La nostra interlocutrice asserisce di sentire «profonde queste origini», di avvertire la lacerazione vissuta dagli avi nell'aver visto confiscati tutti i beni di famiglia, «famiglia che lì era comunque benestante ma che dall'oggi al domani siccome apparteneva alla minoranza religiosa Baha'i fu costretta all'esilio».
Le dissidenti
«Mia nonna», racconta Galletti con uno speciale brillio negli occhi, «venuta a mancare lo scorso anno, mi raccontava come la loro casa, con i suoi cuscini e tappeti che invitavano a sedersi per terra, era divenuta il punto di riferimento della controcultura bolzanina». La quale orbitava attorno ai Dawn Breakers, gruppo musico-teatrale che cinquanta, sessant'anni fa girava tutte le piazze d'Italia, partendo da Bolzano, «per sensibilizzare la popolazione circa i temi dell'unità del genere umano, dell'abolizione dei pregiudizi, della parità dei diritti fra uomo e donna, dell'armonia tra scienza e religione».
Libertà, quella goduta in Italia dall'ingegnere esule e famiglia, che in Iran è ancora un miraggio, appannaggio di pochissimi privilegiati, dirigenti che nascondono soldi all'estero, che mandano i figli a studiare altrove (alcuni cominciano persino a «chiedere asilo e il Venezuela è stranamente fra quelli che lo concede»). L'intero Paese è scosso dalle proteste e il potere trema.

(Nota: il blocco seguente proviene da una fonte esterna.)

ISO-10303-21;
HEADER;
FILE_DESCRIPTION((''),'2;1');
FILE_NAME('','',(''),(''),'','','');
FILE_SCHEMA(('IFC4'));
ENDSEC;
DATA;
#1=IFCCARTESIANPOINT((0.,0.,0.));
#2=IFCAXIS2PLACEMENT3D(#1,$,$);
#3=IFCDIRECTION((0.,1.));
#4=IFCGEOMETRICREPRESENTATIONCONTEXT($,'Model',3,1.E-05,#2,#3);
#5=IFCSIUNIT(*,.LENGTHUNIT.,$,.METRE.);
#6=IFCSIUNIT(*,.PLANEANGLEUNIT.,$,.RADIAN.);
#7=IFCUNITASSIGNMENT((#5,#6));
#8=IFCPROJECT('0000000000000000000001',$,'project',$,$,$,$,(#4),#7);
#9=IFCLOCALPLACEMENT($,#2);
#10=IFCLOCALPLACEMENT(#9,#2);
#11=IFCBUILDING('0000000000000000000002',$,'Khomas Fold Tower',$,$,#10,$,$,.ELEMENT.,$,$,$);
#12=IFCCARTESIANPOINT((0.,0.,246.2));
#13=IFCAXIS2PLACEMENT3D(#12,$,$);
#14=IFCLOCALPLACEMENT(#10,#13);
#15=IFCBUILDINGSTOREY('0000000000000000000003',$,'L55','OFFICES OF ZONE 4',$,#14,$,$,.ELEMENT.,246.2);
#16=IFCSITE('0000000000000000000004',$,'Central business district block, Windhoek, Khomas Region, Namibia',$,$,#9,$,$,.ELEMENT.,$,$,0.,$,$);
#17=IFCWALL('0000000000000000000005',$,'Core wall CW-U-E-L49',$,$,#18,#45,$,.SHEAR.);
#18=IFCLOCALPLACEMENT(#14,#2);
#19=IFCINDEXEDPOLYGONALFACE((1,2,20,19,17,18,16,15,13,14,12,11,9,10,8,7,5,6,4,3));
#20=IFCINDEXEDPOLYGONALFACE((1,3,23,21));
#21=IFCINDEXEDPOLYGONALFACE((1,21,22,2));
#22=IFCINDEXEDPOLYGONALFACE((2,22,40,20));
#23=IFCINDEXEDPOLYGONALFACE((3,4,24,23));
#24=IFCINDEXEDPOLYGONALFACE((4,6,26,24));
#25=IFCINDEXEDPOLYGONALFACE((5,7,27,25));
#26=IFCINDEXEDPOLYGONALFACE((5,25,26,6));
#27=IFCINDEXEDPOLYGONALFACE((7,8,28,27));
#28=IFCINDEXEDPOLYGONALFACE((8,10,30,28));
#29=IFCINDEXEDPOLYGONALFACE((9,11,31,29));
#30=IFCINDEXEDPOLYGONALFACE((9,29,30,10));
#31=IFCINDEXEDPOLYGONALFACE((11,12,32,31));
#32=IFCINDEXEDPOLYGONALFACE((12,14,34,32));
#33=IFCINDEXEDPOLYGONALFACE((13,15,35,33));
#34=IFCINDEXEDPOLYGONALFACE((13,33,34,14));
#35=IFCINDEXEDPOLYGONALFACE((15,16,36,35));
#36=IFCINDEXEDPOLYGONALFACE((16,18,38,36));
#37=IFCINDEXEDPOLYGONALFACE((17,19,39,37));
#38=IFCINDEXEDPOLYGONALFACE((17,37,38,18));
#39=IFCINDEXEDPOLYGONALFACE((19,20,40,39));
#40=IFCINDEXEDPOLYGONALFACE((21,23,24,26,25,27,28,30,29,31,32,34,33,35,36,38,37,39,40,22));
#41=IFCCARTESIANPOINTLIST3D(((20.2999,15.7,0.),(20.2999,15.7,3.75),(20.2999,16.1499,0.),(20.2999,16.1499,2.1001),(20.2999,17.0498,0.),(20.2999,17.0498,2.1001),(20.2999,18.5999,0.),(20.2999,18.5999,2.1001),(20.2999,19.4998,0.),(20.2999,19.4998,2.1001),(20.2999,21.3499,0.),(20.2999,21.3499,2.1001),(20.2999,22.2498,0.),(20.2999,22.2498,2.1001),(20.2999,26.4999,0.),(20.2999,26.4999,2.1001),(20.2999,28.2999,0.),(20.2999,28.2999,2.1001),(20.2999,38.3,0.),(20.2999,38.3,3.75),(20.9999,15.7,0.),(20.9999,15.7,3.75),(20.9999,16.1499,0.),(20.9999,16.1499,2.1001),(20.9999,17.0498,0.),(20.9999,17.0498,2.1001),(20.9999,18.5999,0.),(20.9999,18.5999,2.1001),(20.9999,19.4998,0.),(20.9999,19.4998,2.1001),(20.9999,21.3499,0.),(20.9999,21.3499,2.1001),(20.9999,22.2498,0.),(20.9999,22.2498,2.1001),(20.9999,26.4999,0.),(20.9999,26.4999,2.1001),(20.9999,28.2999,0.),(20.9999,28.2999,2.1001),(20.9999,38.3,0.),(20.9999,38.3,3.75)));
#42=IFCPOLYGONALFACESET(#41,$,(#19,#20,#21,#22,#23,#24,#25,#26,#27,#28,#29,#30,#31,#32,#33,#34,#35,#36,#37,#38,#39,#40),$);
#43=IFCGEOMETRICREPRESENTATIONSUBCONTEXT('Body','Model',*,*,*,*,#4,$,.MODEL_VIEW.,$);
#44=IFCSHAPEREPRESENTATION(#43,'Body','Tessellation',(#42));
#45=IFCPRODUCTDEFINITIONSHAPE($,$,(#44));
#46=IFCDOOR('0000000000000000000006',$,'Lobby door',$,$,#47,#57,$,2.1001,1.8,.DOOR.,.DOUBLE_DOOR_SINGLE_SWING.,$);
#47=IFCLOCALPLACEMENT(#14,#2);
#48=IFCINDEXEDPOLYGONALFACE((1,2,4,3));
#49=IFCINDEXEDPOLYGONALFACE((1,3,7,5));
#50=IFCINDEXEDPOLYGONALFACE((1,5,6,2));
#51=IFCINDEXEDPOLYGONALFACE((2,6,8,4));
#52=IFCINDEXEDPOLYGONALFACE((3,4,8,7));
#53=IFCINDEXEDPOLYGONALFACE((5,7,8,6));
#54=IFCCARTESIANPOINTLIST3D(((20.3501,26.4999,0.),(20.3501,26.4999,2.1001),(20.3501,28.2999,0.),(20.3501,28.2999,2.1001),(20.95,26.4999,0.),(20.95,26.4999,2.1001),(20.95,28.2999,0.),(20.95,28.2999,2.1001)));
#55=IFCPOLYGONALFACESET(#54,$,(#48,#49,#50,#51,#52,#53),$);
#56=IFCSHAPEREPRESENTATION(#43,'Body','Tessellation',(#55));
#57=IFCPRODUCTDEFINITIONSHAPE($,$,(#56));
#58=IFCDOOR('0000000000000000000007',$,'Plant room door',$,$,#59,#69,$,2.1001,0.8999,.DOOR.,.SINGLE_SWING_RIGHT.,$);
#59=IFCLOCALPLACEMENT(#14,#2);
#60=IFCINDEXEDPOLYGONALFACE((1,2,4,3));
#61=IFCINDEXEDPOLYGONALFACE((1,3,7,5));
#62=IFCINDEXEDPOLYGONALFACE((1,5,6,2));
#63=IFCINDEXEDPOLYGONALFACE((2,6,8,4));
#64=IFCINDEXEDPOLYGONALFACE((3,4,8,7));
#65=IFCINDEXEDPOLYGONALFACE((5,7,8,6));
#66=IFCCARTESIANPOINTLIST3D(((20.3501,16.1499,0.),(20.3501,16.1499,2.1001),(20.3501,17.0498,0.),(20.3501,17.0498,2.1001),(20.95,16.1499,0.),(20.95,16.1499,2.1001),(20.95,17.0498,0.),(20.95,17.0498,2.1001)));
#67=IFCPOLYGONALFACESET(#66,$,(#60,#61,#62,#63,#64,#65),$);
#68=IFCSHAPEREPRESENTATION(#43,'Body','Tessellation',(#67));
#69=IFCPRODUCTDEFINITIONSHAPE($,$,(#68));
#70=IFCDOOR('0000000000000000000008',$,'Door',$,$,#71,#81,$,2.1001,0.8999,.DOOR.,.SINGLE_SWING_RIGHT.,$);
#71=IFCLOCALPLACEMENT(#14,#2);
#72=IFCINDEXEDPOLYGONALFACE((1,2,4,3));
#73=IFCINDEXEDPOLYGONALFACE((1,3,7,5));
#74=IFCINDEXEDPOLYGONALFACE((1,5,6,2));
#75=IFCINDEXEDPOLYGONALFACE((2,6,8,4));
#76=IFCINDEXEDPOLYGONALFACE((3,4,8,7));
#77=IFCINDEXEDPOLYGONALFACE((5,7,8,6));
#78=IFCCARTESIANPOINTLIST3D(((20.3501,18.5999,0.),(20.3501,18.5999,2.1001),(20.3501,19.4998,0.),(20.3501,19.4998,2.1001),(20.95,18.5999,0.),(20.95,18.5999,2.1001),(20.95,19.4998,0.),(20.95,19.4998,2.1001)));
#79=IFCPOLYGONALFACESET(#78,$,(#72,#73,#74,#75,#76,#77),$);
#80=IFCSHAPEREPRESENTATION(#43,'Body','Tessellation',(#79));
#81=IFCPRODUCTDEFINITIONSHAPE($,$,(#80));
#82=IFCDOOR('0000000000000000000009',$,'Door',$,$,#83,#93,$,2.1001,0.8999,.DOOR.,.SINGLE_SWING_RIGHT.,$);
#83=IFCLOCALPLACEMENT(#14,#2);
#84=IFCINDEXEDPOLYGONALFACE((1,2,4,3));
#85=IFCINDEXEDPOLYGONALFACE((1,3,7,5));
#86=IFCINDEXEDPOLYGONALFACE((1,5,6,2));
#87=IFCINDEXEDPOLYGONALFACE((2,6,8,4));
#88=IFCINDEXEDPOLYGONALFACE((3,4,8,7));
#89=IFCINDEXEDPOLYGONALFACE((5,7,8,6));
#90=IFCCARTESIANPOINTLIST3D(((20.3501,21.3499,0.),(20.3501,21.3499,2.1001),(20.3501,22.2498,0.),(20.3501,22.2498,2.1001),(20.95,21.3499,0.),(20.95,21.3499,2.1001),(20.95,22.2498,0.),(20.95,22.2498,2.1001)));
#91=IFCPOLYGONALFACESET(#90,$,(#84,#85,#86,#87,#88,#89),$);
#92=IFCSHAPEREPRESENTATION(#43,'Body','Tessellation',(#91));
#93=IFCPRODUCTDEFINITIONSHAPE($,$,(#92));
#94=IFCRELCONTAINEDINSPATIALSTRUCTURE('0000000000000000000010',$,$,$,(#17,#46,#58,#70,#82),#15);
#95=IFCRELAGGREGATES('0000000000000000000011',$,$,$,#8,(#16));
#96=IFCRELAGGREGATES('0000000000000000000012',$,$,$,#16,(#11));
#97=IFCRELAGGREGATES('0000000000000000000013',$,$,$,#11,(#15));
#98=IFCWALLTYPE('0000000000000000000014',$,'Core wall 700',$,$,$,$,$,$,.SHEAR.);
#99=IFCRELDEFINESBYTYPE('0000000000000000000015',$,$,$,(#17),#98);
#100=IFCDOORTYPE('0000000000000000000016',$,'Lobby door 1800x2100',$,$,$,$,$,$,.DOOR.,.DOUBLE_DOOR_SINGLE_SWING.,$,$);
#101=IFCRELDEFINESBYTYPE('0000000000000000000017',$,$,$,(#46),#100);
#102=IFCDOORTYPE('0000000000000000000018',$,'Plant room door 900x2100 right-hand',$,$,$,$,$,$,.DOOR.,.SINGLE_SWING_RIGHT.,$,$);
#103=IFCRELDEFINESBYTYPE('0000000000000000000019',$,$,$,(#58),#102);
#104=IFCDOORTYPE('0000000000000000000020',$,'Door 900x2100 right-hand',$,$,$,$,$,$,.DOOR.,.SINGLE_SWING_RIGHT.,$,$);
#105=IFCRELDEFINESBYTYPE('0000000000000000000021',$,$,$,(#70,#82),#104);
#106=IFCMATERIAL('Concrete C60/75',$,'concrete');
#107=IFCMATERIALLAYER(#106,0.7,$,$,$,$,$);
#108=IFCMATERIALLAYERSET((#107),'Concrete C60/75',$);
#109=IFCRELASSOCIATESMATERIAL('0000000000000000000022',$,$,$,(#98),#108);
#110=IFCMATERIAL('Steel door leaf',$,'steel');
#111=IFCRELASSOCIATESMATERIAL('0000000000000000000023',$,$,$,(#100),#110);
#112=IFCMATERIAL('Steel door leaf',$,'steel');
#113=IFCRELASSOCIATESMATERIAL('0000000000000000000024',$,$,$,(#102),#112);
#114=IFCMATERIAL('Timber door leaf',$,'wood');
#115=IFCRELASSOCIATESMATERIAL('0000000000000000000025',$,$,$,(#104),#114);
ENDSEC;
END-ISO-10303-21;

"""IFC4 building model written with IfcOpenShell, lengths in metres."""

from ifc_helpers import new_model, si_unit, direction, frame, frame_2d, origin, place, context, subcontext, project, spatial, rectangle, extrude, source, transform, mapped, material, layer, layer_set, type_object, element, fill, save


model = new_model("IFC4")

# Units and contexts
model_context = context("Model", 3, precision=1e-05, world=origin(), true_north=direction((0.0, 1.0)))
body_context = subcontext(model_context, "Body", "Model", "MODEL_VIEW")
ifc_project = project(units=[si_unit("LENGTHUNIT", "METRE"), si_unit("PLANEANGLEUNIT", "RADIAN")], contexts=[model_context])

# Site, building, storey
site_placement = place(None, origin())
site = spatial("IfcSite", under=ifc_project, at=site_placement, Name="Central business district block, Windhoek, Khomas Region, Namibia", CompositionType="ELEMENT", RefElevation=0.0)
building_placement = place(site_placement, origin())
building = spatial("IfcBuilding", under=site, at=building_placement, Name="Khomas Fold Tower", CompositionType="ELEMENT")
storey_placement = place(building_placement, frame((0.0, 0.0, 246.2)))
storey = spatial("IfcBuildingStorey", under=building, at=storey_placement, Name="L55", Description="OFFICES OF ZONE 4", CompositionType="ELEMENT", Elevation=246.2)

# Wall, openings, doors
ifc_material_1 = material(Name="Concrete C60/75", Category="concrete")
ifc_layer_1 = layer(ifc_material_1, 0.7)
ifc_layer_set_1 = layer_set([ifc_layer_1], Name="Concrete C60/75")
wall_type_1 = type_object("IfcWallType", Name="Core wall 700", PredefinedType="SHEAR", material=ifc_layer_set_1)
shared_shape_1 = source(origin(), body_context, "Body", "SweptSolid", [
    extrude(rectangle(XDim=22.6001, YDim=0.7, at=frame_2d((11.3, 0.0))), origin(), (0.0, 0.0, 1.0), 3.75),
])
wall_1_placement = place(storey_placement, frame((20.6499, 15.7, 0.0), z_axis=(0.0, 0.0, 1.0), x_axis=(0.0, 1.0, 0.0)))
wall_1 = element("IfcWall", 1, at=wall_1_placement, inside=storey, type_object=wall_type_1, Name="Core wall CW-U-E-L49", PredefinedType="SHEAR", context=body_context, shape_type="MappedRepresentation", body=[
    mapped(shared_shape_1, transform((0.0, 0.0, 0.0))),
])
shared_shape_2 = source(origin(), body_context, "Body", "SweptSolid", [
    extrude(rectangle(XDim=1.8, YDim=2.1001, at=frame_2d((0.8999, 1.05))), frame((0.0, 0.3599, 0.0), z_axis=(0.0, -1.0, 0.0), x_axis=(1.0, 0.0, 0.0)), (0.0, 0.0, 1.0), 0.72),
])
opening_1_placement = place(wall_1_placement, frame((10.8, 0.0, 0.0)))
opening_1 = element("IfcOpeningElement", 2, at=opening_1_placement, cuts=wall_1, PredefinedType="OPENING", context=body_context, shape_type="MappedRepresentation", body=[
    mapped(shared_shape_2, transform((0.0, 0.0, 0.0))),
])
shared_shape_3 = source(origin(), body_context, "Body", "SweptSolid", [
    extrude(rectangle(XDim=0.8999, YDim=2.1001, at=frame_2d((0.45, 1.05))), frame((0.0, 0.3599, 0.0), z_axis=(0.0, -1.0, 0.0), x_axis=(1.0, 0.0, 0.0)), (0.0, 0.0, 1.0), 0.72),
])
opening_2_placement = place(wall_1_placement, frame((0.45, 0.0, 0.0)))
opening_2 = element("IfcOpeningElement", 3, at=opening_2_placement, cuts=wall_1, PredefinedType="OPENING", context=body_context, shape_type="MappedRepresentation", body=[
    mapped(shared_shape_3, transform((0.0, 0.0, 0.0))),
])
opening_3_placement = place(wall_1_placement, frame((2.8999, 0.0, 0.0)))
opening_3 = element("IfcOpeningElement", 4, at=opening_3_placement, cuts=wall_1, PredefinedType="OPENING", context=body_context, shape_type="MappedRepresentation", body=[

Nascere donna lì rimane una vera sfida. La più alta. Masih Alinejad, dissidente e attivista iraniana, rilasciava giorni fa a iO Donna del Corriere della Sera le seguenti parole di monito, rivolte a tutti noi: «Le donne iraniane stanno facendo la loro parte a costo della propria vita, il bene prezioso a cui la coraggiosa Mahsa Amini, picchiata a morte a causa della mancata osservanza dell'obbligo dell'hijab, ha dovuto rinunciare. Perché finché i governi occidentali riconosceranno, parleranno e faranno affari con la Repubblica islamica, finché l'opinione pubblica europea accetterà questa complicità, non ne usciremo».
Alinejad, una delle donne del 2022 per Time, in esilio da tredici anni negli USA, è sfuggita lo scorso luglio a un tentativo di rapimento da parte di un commando criminale dell'Est Europa. «Hanno agito per conto dell'Iran», asserisce la candidata al Nobel per la pace che incoraggia le donne mediorientali a togliere il velo per emanciparsi dalle vessazioni.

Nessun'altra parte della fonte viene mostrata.